Bug 265950 - POSIX 2008 locale failures when global locale not C
Summary: POSIX 2008 locale failures when global locale not C
Status: New
Alias: None
Product: Base System
Classification: Unclassified
Component: bin (show other bugs)
Version: CURRENT
Hardware: Any Any
: --- Affects Many People
Assignee: freebsd-bugs (Nobody)
URL:
Keywords:
Depends on:
Blocks:
 
Reported: 2022-08-19 21:33 UTC by Karl Williamson
Modified: 2023-11-13 00:08 UTC (History)
4 users (show)

See Also:


Attachments
A short C reproducer program (718 bytes, text/plain)
2022-08-19 21:33 UTC, Karl Williamson
no flags Details
Another reproducer C program (1.04 KB, text/plain)
2023-11-13 00:08 UTC, Karl Williamson
no flags Details

Note You need to log in before you can comment on or make changes to this bug.
Description Karl Williamson 2022-08-19 21:33:29 UTC
Created attachment 236019 [details]
A short C reproducer program

See attached program.

setlocale() is used to set up the global locale to C.UTF-8.  Then the per-thread calls are used with that as a basis.  newlocale(Latin1), then uselocale() of that new object yield an object which doesn't have Latin1 characteristics.

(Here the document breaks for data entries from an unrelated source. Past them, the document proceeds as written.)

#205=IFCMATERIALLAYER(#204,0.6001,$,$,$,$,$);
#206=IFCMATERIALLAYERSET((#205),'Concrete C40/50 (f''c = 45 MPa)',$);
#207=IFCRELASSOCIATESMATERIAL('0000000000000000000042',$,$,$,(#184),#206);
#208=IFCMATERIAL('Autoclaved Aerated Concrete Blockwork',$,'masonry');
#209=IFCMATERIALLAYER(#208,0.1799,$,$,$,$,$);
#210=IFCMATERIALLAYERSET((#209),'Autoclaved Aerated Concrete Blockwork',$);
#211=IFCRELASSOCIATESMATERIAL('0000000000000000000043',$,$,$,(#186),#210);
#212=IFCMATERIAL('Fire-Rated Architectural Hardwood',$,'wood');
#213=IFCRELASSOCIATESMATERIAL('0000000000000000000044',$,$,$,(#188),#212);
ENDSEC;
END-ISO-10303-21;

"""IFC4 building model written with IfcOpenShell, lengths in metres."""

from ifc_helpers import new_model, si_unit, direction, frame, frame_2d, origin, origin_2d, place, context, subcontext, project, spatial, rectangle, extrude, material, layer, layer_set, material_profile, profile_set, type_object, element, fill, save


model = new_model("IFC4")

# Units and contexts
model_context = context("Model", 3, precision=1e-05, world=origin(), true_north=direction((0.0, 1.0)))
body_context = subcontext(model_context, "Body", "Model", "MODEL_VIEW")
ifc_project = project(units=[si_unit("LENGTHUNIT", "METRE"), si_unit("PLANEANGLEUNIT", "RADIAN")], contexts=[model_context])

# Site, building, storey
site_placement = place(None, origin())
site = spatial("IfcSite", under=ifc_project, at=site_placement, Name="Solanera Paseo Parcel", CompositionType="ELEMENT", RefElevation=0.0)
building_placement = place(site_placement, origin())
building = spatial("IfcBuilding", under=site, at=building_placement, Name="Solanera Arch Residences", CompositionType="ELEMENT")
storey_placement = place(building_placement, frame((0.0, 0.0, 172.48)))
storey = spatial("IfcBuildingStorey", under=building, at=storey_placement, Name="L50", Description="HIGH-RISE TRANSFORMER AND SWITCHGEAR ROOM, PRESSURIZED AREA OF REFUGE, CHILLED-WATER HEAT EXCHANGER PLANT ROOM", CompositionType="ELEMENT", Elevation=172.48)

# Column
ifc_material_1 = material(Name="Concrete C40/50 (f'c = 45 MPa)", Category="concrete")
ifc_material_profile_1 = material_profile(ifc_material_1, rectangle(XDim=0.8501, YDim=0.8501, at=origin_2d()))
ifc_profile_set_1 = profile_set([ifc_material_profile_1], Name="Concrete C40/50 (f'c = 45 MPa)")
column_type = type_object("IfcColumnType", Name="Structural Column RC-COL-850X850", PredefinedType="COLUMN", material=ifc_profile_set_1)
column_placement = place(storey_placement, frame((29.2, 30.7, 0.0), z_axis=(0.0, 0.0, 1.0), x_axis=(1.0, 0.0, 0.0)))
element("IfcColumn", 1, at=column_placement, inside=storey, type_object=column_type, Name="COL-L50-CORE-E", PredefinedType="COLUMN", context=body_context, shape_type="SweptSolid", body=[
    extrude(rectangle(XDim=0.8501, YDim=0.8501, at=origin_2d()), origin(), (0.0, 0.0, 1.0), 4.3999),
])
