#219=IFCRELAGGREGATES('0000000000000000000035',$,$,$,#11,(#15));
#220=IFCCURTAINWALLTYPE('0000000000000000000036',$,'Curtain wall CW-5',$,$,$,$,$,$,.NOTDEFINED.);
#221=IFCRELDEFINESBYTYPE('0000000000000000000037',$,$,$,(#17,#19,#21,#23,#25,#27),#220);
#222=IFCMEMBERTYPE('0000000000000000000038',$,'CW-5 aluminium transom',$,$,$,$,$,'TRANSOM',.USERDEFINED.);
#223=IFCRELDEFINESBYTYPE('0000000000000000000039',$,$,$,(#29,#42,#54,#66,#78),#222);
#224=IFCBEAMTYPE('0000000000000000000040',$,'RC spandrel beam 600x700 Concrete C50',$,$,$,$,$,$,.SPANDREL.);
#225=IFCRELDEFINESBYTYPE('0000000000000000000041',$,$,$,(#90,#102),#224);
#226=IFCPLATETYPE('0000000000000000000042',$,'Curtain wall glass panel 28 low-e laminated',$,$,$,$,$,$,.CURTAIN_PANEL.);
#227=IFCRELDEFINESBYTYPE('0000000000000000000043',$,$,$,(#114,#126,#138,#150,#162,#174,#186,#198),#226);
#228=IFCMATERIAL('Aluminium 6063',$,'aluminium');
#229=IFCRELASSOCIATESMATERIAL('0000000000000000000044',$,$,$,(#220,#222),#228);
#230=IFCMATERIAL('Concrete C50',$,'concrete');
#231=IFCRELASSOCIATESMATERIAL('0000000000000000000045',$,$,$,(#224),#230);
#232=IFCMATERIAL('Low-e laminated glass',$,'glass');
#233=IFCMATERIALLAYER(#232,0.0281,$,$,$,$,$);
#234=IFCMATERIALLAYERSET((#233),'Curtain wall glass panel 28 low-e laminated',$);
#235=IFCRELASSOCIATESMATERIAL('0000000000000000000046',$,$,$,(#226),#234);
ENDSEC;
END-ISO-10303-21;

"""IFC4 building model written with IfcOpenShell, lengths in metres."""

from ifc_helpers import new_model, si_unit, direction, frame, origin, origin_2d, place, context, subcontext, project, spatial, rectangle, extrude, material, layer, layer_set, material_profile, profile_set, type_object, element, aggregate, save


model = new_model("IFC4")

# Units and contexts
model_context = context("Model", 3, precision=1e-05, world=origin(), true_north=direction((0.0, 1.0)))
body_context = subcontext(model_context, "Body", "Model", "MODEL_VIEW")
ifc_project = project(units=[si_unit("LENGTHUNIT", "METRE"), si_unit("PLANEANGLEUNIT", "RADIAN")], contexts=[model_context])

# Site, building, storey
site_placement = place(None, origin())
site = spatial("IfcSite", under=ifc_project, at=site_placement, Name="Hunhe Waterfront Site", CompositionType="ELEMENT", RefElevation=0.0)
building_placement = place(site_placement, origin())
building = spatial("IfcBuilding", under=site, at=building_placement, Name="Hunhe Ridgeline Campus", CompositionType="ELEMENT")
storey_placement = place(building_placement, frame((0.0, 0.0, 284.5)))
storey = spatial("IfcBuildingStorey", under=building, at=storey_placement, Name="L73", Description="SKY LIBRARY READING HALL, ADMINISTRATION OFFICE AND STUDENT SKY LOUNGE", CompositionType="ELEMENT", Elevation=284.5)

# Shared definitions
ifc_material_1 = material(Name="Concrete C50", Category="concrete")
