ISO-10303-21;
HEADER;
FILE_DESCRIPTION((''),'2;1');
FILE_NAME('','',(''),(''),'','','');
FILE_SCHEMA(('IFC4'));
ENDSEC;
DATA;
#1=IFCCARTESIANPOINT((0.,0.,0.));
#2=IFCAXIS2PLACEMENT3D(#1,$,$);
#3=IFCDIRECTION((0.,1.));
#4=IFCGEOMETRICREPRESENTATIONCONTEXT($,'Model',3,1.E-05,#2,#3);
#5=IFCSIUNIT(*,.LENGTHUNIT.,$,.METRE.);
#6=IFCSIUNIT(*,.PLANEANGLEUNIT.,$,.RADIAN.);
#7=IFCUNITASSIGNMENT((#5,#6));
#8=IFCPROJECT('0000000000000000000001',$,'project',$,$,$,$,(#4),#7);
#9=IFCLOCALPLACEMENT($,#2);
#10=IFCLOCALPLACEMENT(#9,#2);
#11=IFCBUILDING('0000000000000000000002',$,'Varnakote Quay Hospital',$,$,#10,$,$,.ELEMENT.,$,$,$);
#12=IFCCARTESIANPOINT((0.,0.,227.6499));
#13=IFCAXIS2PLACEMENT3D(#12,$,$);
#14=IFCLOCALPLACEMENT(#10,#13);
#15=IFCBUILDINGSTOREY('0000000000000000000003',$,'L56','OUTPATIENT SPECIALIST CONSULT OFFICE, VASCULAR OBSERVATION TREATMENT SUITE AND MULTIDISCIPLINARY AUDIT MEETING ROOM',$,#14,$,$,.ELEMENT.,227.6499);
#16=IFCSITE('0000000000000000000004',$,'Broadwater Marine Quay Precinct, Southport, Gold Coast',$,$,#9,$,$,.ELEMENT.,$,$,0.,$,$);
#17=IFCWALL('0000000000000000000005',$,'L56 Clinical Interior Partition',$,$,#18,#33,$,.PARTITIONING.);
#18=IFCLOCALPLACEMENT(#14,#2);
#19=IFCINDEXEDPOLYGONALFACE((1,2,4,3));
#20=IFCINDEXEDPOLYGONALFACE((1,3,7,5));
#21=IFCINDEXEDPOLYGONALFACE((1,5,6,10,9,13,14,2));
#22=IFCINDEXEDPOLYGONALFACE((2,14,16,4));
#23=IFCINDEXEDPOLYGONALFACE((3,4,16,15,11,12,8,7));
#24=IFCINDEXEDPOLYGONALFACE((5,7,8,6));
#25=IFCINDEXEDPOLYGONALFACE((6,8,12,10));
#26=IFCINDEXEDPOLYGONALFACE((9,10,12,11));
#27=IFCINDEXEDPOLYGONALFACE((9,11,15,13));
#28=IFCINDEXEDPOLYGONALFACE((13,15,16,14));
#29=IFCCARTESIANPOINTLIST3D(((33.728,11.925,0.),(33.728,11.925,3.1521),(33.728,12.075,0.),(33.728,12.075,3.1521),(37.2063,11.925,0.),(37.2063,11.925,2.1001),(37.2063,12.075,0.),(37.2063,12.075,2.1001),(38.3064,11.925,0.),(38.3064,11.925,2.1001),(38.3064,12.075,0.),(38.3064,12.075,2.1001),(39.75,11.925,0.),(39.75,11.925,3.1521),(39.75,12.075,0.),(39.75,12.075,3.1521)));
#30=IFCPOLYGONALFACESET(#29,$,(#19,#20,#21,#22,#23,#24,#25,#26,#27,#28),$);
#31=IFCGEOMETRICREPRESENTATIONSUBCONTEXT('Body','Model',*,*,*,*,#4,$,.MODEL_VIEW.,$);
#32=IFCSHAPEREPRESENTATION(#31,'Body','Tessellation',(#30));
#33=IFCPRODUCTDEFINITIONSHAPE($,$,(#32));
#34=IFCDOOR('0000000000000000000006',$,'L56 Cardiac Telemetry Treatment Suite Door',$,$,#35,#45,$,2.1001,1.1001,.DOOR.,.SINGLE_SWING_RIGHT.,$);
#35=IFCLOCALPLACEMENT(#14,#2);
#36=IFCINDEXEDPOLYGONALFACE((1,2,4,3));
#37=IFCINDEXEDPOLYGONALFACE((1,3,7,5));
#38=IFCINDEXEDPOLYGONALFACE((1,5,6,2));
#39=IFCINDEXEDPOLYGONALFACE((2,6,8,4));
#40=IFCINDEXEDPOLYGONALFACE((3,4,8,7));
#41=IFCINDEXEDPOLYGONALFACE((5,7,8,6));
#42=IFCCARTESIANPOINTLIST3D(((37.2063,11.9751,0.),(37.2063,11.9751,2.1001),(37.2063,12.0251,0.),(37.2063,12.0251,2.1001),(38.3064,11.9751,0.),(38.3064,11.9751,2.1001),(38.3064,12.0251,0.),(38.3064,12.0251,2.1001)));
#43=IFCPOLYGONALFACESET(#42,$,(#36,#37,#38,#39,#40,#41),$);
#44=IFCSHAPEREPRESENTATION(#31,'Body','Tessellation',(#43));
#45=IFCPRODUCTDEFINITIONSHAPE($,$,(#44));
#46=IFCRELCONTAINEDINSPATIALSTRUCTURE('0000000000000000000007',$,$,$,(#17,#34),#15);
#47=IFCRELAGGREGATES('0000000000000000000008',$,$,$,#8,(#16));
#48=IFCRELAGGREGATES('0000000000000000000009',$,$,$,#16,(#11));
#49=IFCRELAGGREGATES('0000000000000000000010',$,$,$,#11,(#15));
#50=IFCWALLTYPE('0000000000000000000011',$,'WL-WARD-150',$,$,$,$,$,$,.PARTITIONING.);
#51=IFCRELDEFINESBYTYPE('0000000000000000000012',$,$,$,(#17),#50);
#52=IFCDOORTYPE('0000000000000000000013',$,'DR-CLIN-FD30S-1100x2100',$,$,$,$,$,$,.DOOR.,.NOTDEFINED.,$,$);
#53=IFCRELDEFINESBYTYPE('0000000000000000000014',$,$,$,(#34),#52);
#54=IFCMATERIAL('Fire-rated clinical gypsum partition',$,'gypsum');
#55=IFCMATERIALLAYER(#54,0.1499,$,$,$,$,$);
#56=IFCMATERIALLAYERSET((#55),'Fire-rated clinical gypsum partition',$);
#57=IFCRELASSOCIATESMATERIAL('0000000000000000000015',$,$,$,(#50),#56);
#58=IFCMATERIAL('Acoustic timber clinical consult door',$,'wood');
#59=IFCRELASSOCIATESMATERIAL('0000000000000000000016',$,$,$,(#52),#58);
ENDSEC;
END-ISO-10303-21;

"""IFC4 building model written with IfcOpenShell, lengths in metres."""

from ifc_helpers import new_model, si_unit, direction, frame, frame_2d, origin, place, context, subcontext, project, spatial, rectangle, extrude, material, layer, layer_set, type_object, element, fill, save


model = new_model("IFC4")

# Units and contexts
model_context = context("Model", 3, precision=1e-05, world=origin(), true_north=direction((0.0, 1.0)))
body_context = subcontext(model_context, "Body", "Model", "MODEL_VIEW")
ifc_project = project(units=[si_unit("LENGTHUNIT", "METRE"), si_unit("PLANEANGLEUNIT", "RADIAN")], contexts=[model_context])

# Site, building, storey
site_placement = place(None, origin())
site = spatial("IfcSite", under=ifc_project, at=site_placement, Name="Broadwater Marine Quay Precinct, Southport, Gold Coast", CompositionType="ELEMENT", RefElevation=0.0)
building_placement = place(site_placement, origin())
building = spatial("IfcBuilding", under=site, at=building_placement, Name="Varnakote Quay Hospital", CompositionType="ELEMENT")
storey_placement = place(building_placement, frame((0.0, 0.0, 227.6499)))
storey = spatial("IfcBuildingStorey", under=building, at=storey_placement, Name="L56", Description="OUTPATIENT SPECIALIST CONSULT OFFICE, VASCULAR OBSERVATION TREATMENT SUITE AND MULTIDISCIPLINARY AUDIT MEETING ROOM", CompositionType="ELEMENT", Elevation=227.6499)

# Wall, opening, door
ifc_material_1 = material(Name="Fire-rated clinical gypsum partition", Category="gypsum")
ifc_layer_1 = layer(ifc_material_1, 0.1499)
ifc_layer_set_1 = layer_set([ifc_layer_1], Name="Fire-rated clinical gypsum partition")
wall_type_1 = type_object("IfcWallType", Name="WL-WARD-150", PredefinedType="PARTITIONING", material=ifc_layer_set_1)
wall_1_placement = place(storey_placement, frame((39.75, 12.0, 0.0), z_axis=(0.0, 0.0, 1.0), x_axis=(-1.0, 0.0, 0.0)))
wall_1 = element("IfcWall", 1, at=wall_1_placement, inside=storey, type_object=wall_type_1, Name="L56 Clinical Interior Partition", PredefinedType="PARTITIONING", context=body_context, shape_type="SweptSolid", body=[
    extrude(rectangle(XDim=6.022, YDim=0.1499, at=frame_2d((3.011, 0.0))), origin(), (0.0, 0.0, 1.0), 3.1521),
])
opening_1_placement = place(wall_1_placement, frame((1.4436, 0.0, 0.0)))
opening_1 = element("IfcOpeningElement", 2, at=opening_1_placement, cuts=wall_1, PredefinedType="OPENING", context=body_context, shape_type="SweptSolid", body=[
    extrude(rectangle(XDim=1.1001, YDim=2.1001, at=frame_2d((0.55, 1.05))), frame((0.0, 0.085, 0.0), z_axis=(0.0, -1.0, 0.0), x_axis=(1.0, 0.0, 0.0)), (0.0, 0.0, 1.0), 0.1699),
])
ifc_material_2 = material(Name="Acoustic timber clinical consult door", Category="wood")
door_type_1 = type_object("IfcDoorType", Name="DR-CLIN-FD30S-1100x2100", OperationType="NOTDEFINED", PredefinedType="DOOR", material=ifc_material_2)
door_1_placement = place(opening_1_placement, origin())
door_1 = element("IfcDoor", 3, at=door_1_placement, inside=storey, type_object=door_type_1, Name="L56 Cardiac Telemetry Treatment Suite Door", OperationType="SINGLE_SWING_RIGHT", OverallHeight=2.1001, OverallWidth=1.1001, PredefinedType="DOOR", context=body_context, shape_type="SweptSolid", body=[
    extrude(rectangle(XDim=1.1001, YDim=2.1001, at=frame_2d((0.55, 1.05))), frame((0.0, 0.0249, 0.0), z_axis=(0.0, -1.0, 0.0), x_axis=(1.0, 0.0, 0.0)), (0.0, 0.0, 1.0), 0.05),
])
fill(opening_1, door_1)

save(model, "model.ifc")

This bug does not happen if the global locale is C instead of C.UTF-8.
Comment 1 Yuri Pankov freebsd_committer freebsd_triage 2023-09-19 02:31:08 UTC
This one is interesting and is actually an issue with isupper() (and other is* functions) via __sbistype()->__sbmaskrune().

__sbmaskrune() looks like the following:

static __inline int
__sbmaskrune(__ct_rune_t _c, unsigned long _f)
{
        return (_c < 0 || _c >= __mb_sb_limit) ? 0 :
               _CurrentRuneLocale->__runetype[_c] & _f;
}

The culprit here is __mb_sb_limit which is NOT related to thread locale and rather specifies the limit of the global locale.

When global locale is set to the one with UTF-8 encoding (also true for EUC and other encodings), __mb_sb_limit goes down to 128 (from the initial 256, which is also the limit for ISO8859-1 and other single byte locales) so we are failing the 0xC0 test early.

This behavior seems to be introduced in base 367ed4e13d697ceb415183d8a7acddf5f707667c, long before the xlocale work was integrated so it wasn't really an issue back then.
Comment 2 Karl Williamson 2023-11-13 00:08:36 UTC
Created attachment 246266 [details]
Another reproducer C program

This has bit us again.  I came up with the attached reproducer.  It's so close to the original that I imagine it is the same bug.